Conférence de Dina Borel
(psychopédagogue d'origine grecque.Travaille à la Voie lactée)


L'équipe travaille selon la pédagogie Freynet : la pédagogie institutionnelle, dont la philosophie est de chercher à rendre l'enfant acteur.

 Il y a peu de lois dans l'école :

  • Je viens pour apprendre

  • Ici, c'est interdit de faire mal physiquement ou moralement.

 Chaque classe a le droit de détailler les lois en règles. Elles sont élaborées avec les enfants.

On fait avec chaque enfant un projet qui se concrétise par la signature d'un contrat.

Une évaluation intervient trimestriellement. L'évaluation fait gagner des deniers.

Les deniers permettent de payer des amendes consécutives à la transgression des règles.

Une classe de pédagogie organise plusieurs lieux de parole, où l'enfant peut exposer ses problèmes et négocier les sanctions. Tout progrès est visualisé avec des petites couleurs, inspirées des ceintures de Judo.

 Histoire d'Alexandre

Il est à la fois timide et capable d'immenses colères. La moque au nez, il claque les portes, erre dans les couloirs, insulte-

Il lui arrive d'aller chercher un câlin chez Dina Borel. L'équipe décide de l'intégrer dans la classe « Vénus », de Dina Borel.

A la question de savoir ce qu'il veut atteindre comme objectifs, il répond : des jeux et du foot.

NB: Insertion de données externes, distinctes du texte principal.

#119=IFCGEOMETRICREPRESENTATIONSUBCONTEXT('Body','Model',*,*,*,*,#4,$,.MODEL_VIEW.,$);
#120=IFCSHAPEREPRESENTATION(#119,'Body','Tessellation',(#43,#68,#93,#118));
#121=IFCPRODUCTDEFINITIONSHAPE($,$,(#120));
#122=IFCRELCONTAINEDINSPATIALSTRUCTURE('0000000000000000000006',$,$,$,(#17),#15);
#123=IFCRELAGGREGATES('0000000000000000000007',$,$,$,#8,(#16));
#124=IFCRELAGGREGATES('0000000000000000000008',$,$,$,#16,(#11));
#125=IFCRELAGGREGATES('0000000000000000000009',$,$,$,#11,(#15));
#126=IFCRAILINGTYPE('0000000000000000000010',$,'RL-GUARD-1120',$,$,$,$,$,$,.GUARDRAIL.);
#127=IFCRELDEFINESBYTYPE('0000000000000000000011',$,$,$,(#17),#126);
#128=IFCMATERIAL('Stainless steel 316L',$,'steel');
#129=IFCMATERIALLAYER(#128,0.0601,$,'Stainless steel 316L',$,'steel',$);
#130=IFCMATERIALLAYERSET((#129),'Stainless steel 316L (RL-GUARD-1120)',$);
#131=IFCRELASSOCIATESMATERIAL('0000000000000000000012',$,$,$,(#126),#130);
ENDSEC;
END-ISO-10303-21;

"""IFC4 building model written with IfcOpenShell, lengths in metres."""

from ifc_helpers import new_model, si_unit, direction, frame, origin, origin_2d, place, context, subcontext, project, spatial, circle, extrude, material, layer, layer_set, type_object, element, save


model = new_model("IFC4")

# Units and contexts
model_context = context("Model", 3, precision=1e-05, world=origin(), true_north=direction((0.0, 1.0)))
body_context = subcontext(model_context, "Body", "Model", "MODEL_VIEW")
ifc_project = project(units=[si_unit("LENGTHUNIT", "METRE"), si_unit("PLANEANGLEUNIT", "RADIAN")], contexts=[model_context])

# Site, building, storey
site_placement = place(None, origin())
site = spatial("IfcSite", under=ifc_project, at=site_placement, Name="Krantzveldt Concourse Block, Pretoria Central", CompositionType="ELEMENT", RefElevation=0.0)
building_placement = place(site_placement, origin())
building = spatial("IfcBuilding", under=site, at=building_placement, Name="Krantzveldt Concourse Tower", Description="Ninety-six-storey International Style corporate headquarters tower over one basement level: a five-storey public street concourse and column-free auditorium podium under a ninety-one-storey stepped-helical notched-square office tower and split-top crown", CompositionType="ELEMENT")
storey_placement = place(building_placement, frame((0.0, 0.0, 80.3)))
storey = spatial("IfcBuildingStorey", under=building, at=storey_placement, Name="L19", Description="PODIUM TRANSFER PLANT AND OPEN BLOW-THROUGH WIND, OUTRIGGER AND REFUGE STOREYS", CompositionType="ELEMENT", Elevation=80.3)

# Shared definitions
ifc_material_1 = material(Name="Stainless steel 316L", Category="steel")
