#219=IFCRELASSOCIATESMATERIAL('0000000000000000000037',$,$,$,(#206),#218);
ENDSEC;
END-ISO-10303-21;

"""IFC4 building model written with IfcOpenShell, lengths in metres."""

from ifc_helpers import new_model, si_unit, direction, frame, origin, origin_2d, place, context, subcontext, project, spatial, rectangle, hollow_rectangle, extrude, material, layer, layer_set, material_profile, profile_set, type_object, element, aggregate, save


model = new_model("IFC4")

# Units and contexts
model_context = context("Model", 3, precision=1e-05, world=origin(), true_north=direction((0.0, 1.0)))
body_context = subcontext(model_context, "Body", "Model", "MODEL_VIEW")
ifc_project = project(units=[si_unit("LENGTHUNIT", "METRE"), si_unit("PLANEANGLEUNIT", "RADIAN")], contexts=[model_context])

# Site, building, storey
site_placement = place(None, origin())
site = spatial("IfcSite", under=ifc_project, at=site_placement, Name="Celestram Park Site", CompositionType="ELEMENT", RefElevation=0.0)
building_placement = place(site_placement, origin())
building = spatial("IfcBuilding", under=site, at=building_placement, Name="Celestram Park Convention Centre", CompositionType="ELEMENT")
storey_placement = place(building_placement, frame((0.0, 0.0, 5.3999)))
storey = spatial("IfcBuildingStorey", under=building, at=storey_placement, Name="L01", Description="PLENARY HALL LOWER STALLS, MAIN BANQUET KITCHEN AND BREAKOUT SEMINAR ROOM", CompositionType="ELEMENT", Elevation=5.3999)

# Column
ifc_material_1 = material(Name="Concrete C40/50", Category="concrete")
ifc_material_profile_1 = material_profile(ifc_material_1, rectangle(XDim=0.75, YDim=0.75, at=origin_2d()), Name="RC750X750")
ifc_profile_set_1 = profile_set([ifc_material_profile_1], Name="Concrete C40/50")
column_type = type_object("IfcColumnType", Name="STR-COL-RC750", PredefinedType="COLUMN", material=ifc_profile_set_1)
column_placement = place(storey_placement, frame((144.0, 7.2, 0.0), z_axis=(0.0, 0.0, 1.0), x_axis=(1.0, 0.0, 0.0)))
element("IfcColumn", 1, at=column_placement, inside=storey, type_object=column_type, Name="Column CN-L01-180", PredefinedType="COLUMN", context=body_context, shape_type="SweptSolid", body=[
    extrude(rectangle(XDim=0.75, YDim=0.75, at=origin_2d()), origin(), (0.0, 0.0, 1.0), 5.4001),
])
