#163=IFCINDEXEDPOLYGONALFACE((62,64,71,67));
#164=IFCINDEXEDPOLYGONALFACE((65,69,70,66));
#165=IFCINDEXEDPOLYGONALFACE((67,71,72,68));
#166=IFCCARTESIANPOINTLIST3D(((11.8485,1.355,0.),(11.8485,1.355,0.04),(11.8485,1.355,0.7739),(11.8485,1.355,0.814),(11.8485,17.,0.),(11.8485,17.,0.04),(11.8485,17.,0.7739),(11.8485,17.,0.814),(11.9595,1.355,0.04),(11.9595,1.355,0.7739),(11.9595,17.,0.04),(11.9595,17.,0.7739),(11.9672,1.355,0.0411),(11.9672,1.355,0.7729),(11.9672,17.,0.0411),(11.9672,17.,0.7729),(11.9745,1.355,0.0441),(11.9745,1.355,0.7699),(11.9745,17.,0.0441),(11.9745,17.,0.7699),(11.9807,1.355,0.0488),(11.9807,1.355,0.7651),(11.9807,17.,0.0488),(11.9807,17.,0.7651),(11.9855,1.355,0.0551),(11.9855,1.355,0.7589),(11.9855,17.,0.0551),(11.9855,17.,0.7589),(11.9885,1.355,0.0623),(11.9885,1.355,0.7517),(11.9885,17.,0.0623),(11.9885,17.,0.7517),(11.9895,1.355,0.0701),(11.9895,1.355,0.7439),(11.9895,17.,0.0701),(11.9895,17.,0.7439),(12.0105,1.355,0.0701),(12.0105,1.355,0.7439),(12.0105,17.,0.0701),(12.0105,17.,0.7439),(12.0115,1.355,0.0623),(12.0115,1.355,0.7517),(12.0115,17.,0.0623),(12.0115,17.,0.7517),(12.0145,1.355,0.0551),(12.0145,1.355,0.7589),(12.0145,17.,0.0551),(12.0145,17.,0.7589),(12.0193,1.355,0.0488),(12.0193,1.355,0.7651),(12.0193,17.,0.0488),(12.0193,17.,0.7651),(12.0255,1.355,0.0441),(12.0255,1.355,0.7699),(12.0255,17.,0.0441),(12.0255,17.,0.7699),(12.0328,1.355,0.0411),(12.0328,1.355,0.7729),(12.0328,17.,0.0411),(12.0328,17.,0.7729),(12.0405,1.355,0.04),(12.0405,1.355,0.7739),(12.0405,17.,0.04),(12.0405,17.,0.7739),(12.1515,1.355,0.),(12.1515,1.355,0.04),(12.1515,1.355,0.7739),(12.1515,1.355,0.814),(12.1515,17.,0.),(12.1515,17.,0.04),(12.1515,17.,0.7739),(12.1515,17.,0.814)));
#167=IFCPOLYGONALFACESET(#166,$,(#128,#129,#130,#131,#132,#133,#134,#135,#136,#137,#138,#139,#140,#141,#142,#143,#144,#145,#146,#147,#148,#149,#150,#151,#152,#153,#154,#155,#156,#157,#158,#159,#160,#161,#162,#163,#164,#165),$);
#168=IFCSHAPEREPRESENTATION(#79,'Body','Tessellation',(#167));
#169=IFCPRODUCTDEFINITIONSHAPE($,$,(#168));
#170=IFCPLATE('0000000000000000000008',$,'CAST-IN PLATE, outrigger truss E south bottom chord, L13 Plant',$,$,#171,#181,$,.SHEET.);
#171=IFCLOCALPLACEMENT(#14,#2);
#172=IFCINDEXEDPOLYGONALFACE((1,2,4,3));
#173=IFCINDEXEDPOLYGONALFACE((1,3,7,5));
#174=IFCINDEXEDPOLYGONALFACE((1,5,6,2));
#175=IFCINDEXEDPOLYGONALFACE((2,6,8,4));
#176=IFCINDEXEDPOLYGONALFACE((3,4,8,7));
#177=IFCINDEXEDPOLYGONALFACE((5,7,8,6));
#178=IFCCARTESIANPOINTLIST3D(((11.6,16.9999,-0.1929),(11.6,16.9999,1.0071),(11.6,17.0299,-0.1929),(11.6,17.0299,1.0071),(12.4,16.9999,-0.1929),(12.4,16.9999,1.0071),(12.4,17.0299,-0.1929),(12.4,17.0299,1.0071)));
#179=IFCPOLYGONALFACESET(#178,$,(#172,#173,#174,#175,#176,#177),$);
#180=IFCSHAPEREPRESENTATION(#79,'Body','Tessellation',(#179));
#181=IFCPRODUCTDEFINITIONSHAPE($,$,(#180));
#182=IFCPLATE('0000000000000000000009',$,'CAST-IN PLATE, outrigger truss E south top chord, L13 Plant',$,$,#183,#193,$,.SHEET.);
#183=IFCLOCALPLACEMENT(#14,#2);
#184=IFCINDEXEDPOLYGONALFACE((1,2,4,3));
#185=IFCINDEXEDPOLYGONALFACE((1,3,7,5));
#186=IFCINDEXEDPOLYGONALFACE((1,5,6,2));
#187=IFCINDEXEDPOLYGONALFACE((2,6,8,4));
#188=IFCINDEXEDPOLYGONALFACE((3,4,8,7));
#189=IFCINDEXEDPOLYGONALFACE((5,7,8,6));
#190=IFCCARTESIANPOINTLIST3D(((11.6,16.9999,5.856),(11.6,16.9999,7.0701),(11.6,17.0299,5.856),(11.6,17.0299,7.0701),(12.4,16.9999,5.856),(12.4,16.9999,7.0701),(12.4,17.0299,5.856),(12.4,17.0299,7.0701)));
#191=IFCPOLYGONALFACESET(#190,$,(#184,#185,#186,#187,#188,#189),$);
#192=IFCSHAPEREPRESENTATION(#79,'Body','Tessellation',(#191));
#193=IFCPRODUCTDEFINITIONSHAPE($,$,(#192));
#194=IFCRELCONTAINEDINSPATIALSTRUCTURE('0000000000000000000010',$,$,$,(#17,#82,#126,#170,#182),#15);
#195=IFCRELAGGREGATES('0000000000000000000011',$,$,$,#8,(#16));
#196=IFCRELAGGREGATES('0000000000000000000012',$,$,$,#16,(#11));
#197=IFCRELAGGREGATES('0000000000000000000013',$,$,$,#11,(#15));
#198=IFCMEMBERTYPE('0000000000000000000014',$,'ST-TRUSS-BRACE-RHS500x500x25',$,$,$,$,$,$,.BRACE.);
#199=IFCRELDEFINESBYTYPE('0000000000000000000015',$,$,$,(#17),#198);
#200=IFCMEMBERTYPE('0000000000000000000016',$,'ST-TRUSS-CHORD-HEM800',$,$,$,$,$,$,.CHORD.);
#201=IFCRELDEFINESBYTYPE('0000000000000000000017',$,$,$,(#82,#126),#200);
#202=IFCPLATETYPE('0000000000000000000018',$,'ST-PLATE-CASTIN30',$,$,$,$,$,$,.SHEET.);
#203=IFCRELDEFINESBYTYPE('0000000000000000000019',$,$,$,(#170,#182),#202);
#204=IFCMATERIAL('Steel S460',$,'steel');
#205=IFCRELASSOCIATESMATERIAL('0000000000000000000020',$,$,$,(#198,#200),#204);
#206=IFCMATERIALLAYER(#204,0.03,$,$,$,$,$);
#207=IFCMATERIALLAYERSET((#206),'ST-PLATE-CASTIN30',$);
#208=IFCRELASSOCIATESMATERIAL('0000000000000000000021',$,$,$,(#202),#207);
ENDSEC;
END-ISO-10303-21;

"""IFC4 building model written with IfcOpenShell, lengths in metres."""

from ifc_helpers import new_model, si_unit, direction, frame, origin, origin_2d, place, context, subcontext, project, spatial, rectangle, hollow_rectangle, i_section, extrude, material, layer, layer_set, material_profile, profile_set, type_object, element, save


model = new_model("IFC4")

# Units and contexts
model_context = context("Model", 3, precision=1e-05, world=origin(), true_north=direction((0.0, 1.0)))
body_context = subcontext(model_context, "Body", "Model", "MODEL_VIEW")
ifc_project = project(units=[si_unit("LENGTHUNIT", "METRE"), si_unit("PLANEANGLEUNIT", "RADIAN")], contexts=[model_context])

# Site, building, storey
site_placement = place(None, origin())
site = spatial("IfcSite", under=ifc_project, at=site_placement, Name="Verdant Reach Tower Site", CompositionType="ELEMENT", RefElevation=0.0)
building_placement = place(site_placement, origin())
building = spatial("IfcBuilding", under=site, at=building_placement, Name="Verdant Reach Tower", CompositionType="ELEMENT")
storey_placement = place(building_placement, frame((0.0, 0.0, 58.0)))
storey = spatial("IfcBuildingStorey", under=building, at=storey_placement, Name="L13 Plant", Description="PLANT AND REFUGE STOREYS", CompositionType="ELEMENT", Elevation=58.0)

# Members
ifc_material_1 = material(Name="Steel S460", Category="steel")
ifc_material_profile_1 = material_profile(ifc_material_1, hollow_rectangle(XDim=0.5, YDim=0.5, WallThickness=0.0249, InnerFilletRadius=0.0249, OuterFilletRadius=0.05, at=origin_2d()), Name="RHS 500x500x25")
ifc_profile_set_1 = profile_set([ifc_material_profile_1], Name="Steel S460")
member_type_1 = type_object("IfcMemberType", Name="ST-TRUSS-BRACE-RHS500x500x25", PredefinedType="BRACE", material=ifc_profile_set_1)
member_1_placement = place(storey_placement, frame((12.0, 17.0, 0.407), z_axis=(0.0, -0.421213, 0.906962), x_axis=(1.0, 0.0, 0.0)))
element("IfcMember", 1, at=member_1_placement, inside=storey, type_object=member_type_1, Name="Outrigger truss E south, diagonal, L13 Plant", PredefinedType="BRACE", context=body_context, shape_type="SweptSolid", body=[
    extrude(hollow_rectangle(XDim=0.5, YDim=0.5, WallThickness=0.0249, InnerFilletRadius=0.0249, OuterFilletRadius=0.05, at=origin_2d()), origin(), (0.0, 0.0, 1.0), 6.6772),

L'équipe s'interroge sur Alexandre.

Alexandre ne participe pas aux activités de production commune. Il vole, il est grossier, il a des gestes obcènes. Il refuse de payer les amendes. Il fait caisse commune avec Bruno. Bruno gagne et Alexandre dépense.

A une réunion, Bruno dit à Alexandre qu'il ne gagne pas beaucoup.

Dina Borel rappelle souvent la règle.

A la fin du mois de septembre, Alexandre est d'accord de signer un contrat type.

Il investit peu à peu le travail.

Il gagne des deniers, se dédouane de ses sanctions, restaure l'estime de lui-même.

 

En janvier, il signe son 2ème contrat. Il investit les réunions, se montre affectueux avec ces camarades. Il collabore avec un camarade, Sébastien. Il se reconnaît dans un espace d'identification positive. Il investit l'autre et lui-même.

 

Dina Borel propose de travailler avec lui individuellement. Elle établit un contrat spécial avec lui.

Un rendez-vous avec les parents est décisif. Alexandre leur montre le contrat comme un bon objet, fait par lui et pour lui.

Alexandre dit : « je ne veux pas que les deniers perdus apparaissent dans le carnet à mes parents, parce que mon père me coupera la tête. « 

Alexandre semble avoir besoin de s'inventer fantasmatiquement la menace de son père pour que sa construction agisse comme un contenant.

 

La classe fait partie de l'identité d'Alexandre.

Il tombe amoureux, ce qui signifie qu'il se considère comme pouvant être aimé.

Il peut se projeter dans le futur, et songe à devenir pompier.

Comme il ne pouvait pas être bon dans le travail scolaire, il cherchait sa force dans le passage à l'acte. L'école lui permet de transformer la dévalorisation de son moi en une construction de sa valeur. Alexandre a poursuivi son parcours. Il est aujourd'hui boucher.